Monte dei Paschi di Siena, the stricken Italian lender, would be insolvent in less than three years under an “adverse scenario,” according to the results of the latest bank stress test released by the European Banking Authority.
The results of the stress tests showed that Monte dei Paschi had the biggest deterioration in its key capital ratio, the so-called fully loaded common equity tier one (CET1) ratio, which takes into account new regulations due to come into force in the near future.
Monte dei Paschi’s CET1 ratio fell by 14.51% against the previous test, leaving Italy’s third largest lender with a ratio of -2.44%, suggesting that the bank would become insolvent in the event of a substantial economic shock over the next three years. The 14.5% fall was more than four times the average fall of around 3.4%.
The EBA’s much-anticipated stress test results shed light on the state of Europe’s banking system, and illustrate just how much of a struggle Monte dei Paschi faces to ensure its future. While the poor performance doesn’t come as a surprise — the bank was expected to be the worst performer by far — it does show just how huge the problems facing the world’s oldest bank are.
Unlike previous tests, Friday’s stress tests don’t give banks a pass or fail designation, and instead the EBA intends the results to be used by national banking regulators for the purpose of measuring and bolstering lenders’ financial resilience. Should the test have included pass/fail marks, it is obvious the Monte dei Paschi would have failed by a substantial margin.
“Whilst we recognise the extensive capital raising done so far, this is not a clean bill of health,” EBA chairman Andrea Enria said in a statement released along with the findings. “There remains work to do, which supervisors will undertake in the SREP (regulatory engagement) process.”
Monte de Paschi’s abject performance comes just after the bank managed to secure a last minute private sector rescue deal to recapitalise the bank.
The rescue offer is being led by JP Morgan and Italian lender Mediobanca, but is also being backed by a consortium of some of global finance’s biggest names.

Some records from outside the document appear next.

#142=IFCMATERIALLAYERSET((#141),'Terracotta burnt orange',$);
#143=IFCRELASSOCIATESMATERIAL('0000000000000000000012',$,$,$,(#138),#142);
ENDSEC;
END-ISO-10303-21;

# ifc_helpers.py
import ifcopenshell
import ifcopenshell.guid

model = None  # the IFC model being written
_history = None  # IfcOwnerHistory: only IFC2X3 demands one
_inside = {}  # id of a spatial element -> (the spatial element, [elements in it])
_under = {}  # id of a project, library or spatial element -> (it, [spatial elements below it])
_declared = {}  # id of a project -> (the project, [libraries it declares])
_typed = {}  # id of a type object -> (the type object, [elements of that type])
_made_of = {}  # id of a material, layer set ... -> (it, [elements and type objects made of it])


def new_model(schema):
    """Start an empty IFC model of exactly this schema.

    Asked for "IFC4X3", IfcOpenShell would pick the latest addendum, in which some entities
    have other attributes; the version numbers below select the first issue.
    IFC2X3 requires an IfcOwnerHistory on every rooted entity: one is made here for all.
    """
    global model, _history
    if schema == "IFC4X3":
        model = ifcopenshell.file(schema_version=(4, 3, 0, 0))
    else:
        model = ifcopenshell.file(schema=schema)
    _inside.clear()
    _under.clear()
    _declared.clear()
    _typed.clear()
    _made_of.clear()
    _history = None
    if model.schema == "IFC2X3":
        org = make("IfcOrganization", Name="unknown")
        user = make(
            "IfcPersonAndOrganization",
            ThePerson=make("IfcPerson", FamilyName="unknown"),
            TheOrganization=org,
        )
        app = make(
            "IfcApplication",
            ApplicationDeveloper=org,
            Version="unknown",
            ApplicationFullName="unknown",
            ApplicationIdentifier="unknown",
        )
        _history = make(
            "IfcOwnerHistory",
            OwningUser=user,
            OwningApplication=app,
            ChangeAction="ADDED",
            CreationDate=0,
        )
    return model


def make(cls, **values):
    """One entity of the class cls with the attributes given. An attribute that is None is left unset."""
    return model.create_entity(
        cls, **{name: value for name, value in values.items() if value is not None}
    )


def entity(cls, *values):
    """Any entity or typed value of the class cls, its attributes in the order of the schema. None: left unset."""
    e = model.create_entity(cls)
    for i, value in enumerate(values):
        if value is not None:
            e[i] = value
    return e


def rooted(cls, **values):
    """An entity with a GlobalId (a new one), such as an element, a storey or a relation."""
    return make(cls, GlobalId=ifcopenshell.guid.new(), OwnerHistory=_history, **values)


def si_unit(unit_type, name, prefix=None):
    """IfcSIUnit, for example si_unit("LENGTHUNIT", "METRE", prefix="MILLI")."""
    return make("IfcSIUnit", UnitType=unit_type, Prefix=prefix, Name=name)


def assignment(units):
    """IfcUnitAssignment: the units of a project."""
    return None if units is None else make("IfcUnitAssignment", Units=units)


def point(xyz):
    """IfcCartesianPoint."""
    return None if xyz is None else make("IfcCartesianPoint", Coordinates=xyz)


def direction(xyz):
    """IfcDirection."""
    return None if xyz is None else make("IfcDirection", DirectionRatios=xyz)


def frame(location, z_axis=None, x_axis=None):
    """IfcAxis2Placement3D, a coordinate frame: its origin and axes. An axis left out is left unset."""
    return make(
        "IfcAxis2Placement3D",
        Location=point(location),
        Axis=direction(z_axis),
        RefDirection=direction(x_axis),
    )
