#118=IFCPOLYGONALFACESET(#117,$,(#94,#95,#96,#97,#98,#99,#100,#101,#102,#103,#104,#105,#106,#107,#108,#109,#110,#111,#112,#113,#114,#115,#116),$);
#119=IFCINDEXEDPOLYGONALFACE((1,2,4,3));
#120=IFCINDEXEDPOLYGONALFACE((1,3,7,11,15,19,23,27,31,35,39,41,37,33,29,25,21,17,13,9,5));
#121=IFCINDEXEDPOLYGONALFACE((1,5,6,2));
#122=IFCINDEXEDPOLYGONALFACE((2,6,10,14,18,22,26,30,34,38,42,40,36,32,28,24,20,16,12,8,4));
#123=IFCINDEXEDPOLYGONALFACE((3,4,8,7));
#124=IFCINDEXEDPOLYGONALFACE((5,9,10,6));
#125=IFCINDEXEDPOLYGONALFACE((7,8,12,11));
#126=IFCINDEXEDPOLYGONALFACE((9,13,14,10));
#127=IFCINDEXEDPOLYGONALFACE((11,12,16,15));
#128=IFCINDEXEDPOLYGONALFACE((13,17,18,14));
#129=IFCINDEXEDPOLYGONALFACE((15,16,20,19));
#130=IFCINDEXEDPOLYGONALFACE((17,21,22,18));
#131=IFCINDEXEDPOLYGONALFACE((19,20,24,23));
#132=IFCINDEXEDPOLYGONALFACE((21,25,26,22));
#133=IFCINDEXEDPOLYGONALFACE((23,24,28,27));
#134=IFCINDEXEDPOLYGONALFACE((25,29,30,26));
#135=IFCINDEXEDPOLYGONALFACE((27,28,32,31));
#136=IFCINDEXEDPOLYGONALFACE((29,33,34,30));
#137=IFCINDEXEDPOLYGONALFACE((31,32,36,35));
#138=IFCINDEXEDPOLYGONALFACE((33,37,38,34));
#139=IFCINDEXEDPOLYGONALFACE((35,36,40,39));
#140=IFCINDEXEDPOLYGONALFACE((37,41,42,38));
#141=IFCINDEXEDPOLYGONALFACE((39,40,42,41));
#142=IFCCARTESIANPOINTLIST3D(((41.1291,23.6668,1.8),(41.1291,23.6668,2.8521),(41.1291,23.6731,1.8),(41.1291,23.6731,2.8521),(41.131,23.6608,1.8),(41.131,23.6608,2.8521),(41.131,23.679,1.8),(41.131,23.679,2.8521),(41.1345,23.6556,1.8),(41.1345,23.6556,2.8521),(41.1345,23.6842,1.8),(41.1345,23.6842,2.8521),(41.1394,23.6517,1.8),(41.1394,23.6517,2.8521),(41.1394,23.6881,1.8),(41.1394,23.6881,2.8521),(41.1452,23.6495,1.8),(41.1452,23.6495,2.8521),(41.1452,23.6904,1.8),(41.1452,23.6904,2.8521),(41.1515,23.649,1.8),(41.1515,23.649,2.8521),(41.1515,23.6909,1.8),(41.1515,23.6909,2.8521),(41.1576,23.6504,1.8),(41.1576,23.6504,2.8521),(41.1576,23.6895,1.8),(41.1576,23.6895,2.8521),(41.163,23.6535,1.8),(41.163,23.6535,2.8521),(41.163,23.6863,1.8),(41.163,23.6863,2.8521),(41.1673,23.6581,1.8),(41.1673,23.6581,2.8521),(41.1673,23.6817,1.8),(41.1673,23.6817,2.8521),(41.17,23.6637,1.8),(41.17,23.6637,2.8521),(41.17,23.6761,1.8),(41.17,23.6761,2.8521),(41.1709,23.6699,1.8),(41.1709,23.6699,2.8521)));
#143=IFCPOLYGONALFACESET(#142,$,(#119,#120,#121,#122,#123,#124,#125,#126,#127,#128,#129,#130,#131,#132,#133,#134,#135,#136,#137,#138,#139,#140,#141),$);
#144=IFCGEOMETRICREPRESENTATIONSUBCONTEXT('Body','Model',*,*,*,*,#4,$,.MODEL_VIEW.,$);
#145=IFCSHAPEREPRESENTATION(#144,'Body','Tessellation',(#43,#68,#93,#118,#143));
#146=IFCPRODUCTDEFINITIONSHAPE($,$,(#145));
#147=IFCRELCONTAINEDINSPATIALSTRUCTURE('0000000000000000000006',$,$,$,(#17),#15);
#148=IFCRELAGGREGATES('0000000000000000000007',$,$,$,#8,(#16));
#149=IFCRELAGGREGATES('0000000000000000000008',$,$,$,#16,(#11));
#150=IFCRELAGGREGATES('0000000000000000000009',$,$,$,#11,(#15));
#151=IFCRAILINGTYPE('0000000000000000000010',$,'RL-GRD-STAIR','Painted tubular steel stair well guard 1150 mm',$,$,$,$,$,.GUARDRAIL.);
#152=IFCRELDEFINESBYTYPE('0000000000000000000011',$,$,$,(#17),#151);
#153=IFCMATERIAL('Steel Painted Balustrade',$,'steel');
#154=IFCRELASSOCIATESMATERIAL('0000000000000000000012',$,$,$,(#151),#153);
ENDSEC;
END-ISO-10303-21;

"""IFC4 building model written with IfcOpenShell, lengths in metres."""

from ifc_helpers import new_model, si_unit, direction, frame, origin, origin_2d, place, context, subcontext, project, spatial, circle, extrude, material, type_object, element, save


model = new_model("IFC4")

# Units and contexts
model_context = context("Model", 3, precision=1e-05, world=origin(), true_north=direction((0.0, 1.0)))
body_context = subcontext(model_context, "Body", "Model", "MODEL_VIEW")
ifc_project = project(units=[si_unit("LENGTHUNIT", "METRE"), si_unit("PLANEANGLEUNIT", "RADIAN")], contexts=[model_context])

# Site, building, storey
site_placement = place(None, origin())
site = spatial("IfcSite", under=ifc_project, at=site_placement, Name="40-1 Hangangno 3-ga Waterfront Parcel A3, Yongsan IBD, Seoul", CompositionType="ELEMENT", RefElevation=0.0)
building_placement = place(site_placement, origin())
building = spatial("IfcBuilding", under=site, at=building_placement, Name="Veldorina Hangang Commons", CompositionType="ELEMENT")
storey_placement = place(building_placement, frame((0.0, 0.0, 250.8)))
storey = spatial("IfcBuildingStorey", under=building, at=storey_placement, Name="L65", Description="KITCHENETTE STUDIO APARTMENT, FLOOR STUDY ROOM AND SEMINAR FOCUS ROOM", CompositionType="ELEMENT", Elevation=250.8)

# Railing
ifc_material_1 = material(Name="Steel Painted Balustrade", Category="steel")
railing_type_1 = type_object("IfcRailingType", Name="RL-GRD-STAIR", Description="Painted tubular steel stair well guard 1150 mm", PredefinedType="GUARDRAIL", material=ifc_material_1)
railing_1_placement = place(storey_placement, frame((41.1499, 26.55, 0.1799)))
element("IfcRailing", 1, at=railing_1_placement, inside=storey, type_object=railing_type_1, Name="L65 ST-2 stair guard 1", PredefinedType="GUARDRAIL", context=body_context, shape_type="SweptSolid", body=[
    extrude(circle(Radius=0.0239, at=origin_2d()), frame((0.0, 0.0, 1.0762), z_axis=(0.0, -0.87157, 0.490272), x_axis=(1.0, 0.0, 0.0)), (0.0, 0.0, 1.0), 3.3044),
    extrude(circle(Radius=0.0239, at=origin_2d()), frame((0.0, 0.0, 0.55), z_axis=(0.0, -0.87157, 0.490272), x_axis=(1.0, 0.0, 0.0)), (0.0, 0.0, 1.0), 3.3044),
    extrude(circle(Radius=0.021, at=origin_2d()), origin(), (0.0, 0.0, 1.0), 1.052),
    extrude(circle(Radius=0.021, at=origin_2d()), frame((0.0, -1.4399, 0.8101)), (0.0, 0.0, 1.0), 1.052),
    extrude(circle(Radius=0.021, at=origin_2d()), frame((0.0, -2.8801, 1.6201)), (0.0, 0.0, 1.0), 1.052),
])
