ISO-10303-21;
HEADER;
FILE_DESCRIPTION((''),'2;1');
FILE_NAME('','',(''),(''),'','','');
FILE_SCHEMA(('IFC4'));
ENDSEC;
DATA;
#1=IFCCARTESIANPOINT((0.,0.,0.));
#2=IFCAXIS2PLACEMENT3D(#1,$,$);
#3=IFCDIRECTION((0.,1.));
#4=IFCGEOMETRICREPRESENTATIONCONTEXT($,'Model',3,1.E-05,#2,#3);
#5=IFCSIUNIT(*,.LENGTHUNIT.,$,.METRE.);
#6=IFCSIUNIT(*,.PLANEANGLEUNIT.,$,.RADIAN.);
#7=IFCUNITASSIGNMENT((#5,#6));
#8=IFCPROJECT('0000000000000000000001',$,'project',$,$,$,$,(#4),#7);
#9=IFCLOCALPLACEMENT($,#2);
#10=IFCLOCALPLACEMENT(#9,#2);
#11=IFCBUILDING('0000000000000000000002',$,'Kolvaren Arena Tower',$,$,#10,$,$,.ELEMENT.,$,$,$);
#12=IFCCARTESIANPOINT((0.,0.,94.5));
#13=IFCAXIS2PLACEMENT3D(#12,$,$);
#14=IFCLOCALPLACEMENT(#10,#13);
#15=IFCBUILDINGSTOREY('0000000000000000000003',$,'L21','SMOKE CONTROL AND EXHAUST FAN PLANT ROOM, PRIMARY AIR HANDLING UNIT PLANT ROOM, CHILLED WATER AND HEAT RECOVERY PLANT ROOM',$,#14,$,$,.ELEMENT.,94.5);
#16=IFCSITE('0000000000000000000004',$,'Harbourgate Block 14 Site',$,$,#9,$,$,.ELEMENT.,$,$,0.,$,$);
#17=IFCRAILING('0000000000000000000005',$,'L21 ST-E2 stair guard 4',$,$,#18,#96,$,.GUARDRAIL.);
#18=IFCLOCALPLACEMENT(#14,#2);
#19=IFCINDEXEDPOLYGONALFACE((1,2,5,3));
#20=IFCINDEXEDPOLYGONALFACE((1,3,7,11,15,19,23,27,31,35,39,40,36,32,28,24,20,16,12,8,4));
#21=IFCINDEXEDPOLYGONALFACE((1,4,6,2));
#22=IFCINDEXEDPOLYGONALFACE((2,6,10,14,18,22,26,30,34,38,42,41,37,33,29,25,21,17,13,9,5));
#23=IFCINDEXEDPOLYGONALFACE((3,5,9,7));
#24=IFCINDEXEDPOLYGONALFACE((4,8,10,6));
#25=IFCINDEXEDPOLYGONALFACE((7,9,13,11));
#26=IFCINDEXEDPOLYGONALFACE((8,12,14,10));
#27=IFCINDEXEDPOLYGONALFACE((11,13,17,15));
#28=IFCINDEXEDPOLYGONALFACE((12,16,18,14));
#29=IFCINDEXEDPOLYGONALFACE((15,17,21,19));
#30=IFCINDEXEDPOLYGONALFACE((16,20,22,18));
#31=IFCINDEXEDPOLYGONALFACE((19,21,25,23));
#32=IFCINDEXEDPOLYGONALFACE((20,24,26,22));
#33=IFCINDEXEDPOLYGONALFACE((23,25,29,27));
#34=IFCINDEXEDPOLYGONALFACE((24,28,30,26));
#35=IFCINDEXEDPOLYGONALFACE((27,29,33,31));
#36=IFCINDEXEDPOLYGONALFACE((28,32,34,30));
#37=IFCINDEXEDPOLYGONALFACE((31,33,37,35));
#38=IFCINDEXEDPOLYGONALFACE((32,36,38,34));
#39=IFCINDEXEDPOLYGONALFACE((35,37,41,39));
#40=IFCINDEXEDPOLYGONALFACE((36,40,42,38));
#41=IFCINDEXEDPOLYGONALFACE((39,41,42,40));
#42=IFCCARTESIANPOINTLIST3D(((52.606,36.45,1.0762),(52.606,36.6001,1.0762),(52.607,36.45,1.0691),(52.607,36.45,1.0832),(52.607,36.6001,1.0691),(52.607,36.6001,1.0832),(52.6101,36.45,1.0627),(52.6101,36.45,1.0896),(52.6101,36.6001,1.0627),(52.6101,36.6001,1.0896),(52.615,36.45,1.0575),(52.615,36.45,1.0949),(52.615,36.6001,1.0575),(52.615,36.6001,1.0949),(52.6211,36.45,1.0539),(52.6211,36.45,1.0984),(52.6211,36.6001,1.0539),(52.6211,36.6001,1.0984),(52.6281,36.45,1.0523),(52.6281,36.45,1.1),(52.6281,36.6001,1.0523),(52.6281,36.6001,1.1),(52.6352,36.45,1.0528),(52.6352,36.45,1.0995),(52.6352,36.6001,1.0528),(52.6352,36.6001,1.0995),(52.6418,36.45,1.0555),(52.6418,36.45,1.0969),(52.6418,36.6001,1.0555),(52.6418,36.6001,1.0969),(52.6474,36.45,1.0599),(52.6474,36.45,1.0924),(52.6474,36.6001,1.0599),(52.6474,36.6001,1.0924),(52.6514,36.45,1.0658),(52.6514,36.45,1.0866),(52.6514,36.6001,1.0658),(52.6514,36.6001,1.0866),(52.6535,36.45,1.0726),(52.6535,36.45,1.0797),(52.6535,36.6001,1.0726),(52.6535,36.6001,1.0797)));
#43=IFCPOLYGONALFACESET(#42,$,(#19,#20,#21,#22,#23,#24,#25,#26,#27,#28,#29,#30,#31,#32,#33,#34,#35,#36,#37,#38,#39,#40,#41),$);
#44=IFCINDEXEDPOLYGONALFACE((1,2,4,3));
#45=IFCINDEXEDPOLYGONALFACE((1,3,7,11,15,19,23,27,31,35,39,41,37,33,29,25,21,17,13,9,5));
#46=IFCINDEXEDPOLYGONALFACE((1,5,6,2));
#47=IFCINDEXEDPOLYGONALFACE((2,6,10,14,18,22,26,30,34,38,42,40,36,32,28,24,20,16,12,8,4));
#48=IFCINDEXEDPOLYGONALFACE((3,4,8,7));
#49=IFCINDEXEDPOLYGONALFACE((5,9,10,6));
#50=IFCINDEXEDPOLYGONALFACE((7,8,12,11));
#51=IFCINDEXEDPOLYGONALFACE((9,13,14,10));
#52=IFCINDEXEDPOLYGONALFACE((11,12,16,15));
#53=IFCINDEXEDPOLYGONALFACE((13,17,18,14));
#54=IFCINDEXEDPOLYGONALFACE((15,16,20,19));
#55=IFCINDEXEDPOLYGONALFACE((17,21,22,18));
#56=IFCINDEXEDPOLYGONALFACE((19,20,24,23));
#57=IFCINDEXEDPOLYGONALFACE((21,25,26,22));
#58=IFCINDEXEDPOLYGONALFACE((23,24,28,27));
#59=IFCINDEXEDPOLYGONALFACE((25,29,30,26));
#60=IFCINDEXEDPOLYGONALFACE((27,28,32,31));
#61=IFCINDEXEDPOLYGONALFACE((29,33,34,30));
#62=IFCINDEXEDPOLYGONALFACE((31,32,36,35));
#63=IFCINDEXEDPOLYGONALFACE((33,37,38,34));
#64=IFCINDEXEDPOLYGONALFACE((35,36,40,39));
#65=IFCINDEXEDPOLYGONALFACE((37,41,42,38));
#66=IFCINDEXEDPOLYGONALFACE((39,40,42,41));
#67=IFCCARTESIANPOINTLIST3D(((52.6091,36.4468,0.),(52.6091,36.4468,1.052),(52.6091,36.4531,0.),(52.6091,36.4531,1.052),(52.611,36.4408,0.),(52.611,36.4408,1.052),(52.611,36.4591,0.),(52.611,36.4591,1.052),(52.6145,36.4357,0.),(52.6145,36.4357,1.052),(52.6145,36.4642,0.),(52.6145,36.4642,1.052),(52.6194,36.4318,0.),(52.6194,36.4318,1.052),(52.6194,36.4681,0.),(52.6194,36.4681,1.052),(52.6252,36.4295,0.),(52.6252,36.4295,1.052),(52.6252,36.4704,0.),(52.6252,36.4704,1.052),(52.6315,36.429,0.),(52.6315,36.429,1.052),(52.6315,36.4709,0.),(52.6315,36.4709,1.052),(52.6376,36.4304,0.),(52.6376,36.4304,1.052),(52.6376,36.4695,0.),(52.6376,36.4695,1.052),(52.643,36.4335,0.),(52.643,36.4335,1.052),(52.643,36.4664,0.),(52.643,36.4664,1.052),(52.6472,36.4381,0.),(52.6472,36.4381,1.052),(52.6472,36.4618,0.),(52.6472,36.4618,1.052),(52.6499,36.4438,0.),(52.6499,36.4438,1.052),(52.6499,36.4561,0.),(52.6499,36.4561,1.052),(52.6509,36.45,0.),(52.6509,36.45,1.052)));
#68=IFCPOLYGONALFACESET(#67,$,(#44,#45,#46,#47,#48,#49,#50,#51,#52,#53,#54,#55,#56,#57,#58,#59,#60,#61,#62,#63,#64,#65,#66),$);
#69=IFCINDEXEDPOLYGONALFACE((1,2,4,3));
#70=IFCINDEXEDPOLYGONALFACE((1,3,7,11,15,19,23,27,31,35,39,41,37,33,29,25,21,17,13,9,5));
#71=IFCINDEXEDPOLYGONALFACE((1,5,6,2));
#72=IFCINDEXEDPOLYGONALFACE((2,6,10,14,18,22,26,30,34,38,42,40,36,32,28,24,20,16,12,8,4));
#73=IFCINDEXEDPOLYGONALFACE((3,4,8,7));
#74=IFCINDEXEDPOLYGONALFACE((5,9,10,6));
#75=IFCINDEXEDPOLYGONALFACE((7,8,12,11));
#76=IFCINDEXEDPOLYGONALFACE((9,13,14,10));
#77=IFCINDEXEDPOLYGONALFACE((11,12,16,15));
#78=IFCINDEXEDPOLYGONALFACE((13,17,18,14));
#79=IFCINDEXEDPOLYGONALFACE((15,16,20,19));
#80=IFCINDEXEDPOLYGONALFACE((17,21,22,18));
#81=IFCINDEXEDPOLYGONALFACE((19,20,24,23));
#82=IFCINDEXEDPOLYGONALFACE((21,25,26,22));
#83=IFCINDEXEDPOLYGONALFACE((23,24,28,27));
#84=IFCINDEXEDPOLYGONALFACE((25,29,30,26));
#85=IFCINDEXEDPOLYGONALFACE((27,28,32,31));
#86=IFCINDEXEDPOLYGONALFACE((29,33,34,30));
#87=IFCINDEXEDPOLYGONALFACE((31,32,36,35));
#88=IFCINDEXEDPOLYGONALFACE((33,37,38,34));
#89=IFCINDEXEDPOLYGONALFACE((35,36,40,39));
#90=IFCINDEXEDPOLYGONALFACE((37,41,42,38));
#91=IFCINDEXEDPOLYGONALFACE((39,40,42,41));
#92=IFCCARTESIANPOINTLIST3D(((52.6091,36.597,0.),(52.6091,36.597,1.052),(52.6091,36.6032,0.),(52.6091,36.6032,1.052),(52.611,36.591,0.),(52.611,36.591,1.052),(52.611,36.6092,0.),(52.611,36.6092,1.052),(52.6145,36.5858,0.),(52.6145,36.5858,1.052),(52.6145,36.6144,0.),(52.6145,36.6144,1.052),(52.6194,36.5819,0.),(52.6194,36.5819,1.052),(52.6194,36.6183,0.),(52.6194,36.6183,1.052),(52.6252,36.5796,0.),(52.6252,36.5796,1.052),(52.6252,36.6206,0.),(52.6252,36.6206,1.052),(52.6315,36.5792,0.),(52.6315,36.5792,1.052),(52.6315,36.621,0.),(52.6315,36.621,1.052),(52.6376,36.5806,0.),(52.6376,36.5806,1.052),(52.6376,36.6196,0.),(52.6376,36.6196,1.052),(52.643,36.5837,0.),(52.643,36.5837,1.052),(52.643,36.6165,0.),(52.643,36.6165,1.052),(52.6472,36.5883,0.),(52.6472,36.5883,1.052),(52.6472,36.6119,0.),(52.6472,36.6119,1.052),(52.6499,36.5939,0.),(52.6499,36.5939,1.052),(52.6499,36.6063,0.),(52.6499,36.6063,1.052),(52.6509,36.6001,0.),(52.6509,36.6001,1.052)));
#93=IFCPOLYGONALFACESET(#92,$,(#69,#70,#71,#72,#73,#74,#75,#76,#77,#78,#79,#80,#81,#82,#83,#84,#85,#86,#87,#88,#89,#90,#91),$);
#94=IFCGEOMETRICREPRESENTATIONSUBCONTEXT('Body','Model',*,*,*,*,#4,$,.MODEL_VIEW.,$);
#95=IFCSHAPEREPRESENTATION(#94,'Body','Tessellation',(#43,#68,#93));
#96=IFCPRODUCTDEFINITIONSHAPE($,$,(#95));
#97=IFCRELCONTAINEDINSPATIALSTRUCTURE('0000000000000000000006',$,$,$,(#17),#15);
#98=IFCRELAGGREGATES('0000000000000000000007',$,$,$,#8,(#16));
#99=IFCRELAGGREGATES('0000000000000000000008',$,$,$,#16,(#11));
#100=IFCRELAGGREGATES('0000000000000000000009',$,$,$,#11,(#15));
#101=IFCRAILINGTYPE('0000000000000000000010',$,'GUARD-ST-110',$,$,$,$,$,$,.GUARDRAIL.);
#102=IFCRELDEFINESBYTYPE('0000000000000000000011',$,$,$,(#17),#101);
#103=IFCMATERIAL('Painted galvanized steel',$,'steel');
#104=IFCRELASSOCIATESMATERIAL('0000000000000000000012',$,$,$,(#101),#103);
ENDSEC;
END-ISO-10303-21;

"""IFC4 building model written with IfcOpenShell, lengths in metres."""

from ifc_helpers import new_model, si_unit, direction, frame, origin, origin_2d, place, context, subcontext, project, spatial, circle, extrude, material, type_object, element, save


model = new_model("IFC4")

# Units and contexts
model_context = context("Model", 3, precision=1e-05, world=origin(), true_north=direction((0.0, 1.0)))
body_context = subcontext(model_context, "Body", "Model", "MODEL_VIEW")
ifc_project = project(units=[si_unit("LENGTHUNIT", "METRE"), si_unit("PLANEANGLEUNIT", "RADIAN")], contexts=[model_context])

# Site, building, storey
site_placement = place(None, origin())
site = spatial("IfcSite", under=ifc_project, at=site_placement, Name="Harbourgate Block 14 Site", CompositionType="ELEMENT", RefElevation=0.0)
building_placement = place(site_placement, origin())
building = spatial("IfcBuilding", under=site, at=building_placement, Name="Kolvaren Arena Tower", CompositionType="ELEMENT")
storey_placement = place(building_placement, frame((0.0, 0.0, 94.5)))
storey = spatial("IfcBuildingStorey", under=building, at=storey_placement, Name="L21", Description="SMOKE CONTROL AND EXHAUST FAN PLANT ROOM, PRIMARY AIR HANDLING UNIT PLANT ROOM, CHILLED WATER AND HEAT RECOVERY PLANT ROOM", CompositionType="ELEMENT", Elevation=94.5)

# Railing
ifc_material_1 = material(Name="Painted galvanized steel", Category="steel")
railing_type_1 = type_object("IfcRailingType", Name="GUARD-ST-110", PredefinedType="GUARDRAIL", material=ifc_material_1)
railing_1_placement = place(storey_placement, frame((52.6299, 36.45, 0.0)))
element("IfcRailing", 1, at=railing_1_placement, inside=storey, type_object=railing_type_1, Name="L21 ST-E2 stair guard 4", PredefinedType="GUARDRAIL", context=body_context, shape_type="SweptSolid", body=[
    extrude(circle(Radius=0.0239, at=origin_2d()), frame((0.0, 0.0, 1.0762), z_axis=(0.0, 1.0, 0.0), x_axis=(-1.0, 0.0, 0.0)), (0.0, 0.0, 1.0), 0.1501),
    extrude(circle(Radius=0.021, at=origin_2d()), origin(), (0.0, 0.0, 1.0), 1.052),
    extrude(circle(Radius=0.021, at=origin_2d()), frame((0.0, 0.1501, 0.0)), (0.0, 0.0, 1.0), 1.052),
])

save(model, "model.ifc")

Goldman Sachs, Citi, Santander, Credit Suisse, Deutsche Bank and Bank of America Merrill Lynch are all contributing to the deal.
While Monte dei Paschi’s board decided to approve the deal, they also rejected a rescue plan put forward by Italy’s former industry minister and one of the country’s move famous businessman, Corrado Passera, and backed by UBS.
Passera’s audacious rescue attempt came despite the fact that just over a week ago, Passera was, according to Reuters, sentenced “to a year and 11 months in jail on charges of complicity in manslaughter” during a trial about the asbestos-related deaths of numerous workers at electronics group Olivetti between the 1960s and 1990s. Passera was the co-CEO of the company for roughly four years in the early to mid-1990s.
Aside for Monte dei Paschi, Irish lender Allied Irish Bank had the second biggest fall in its fully loaded CET1 ratio. AIB’s ratio fell from more than 13% at the last reading, to just 4.31% this year. Germany’s biggest lender, Deutsche Bank also saw a substantial drop in its CET1 ratio, falling 3.3 percentage points to 7.8%.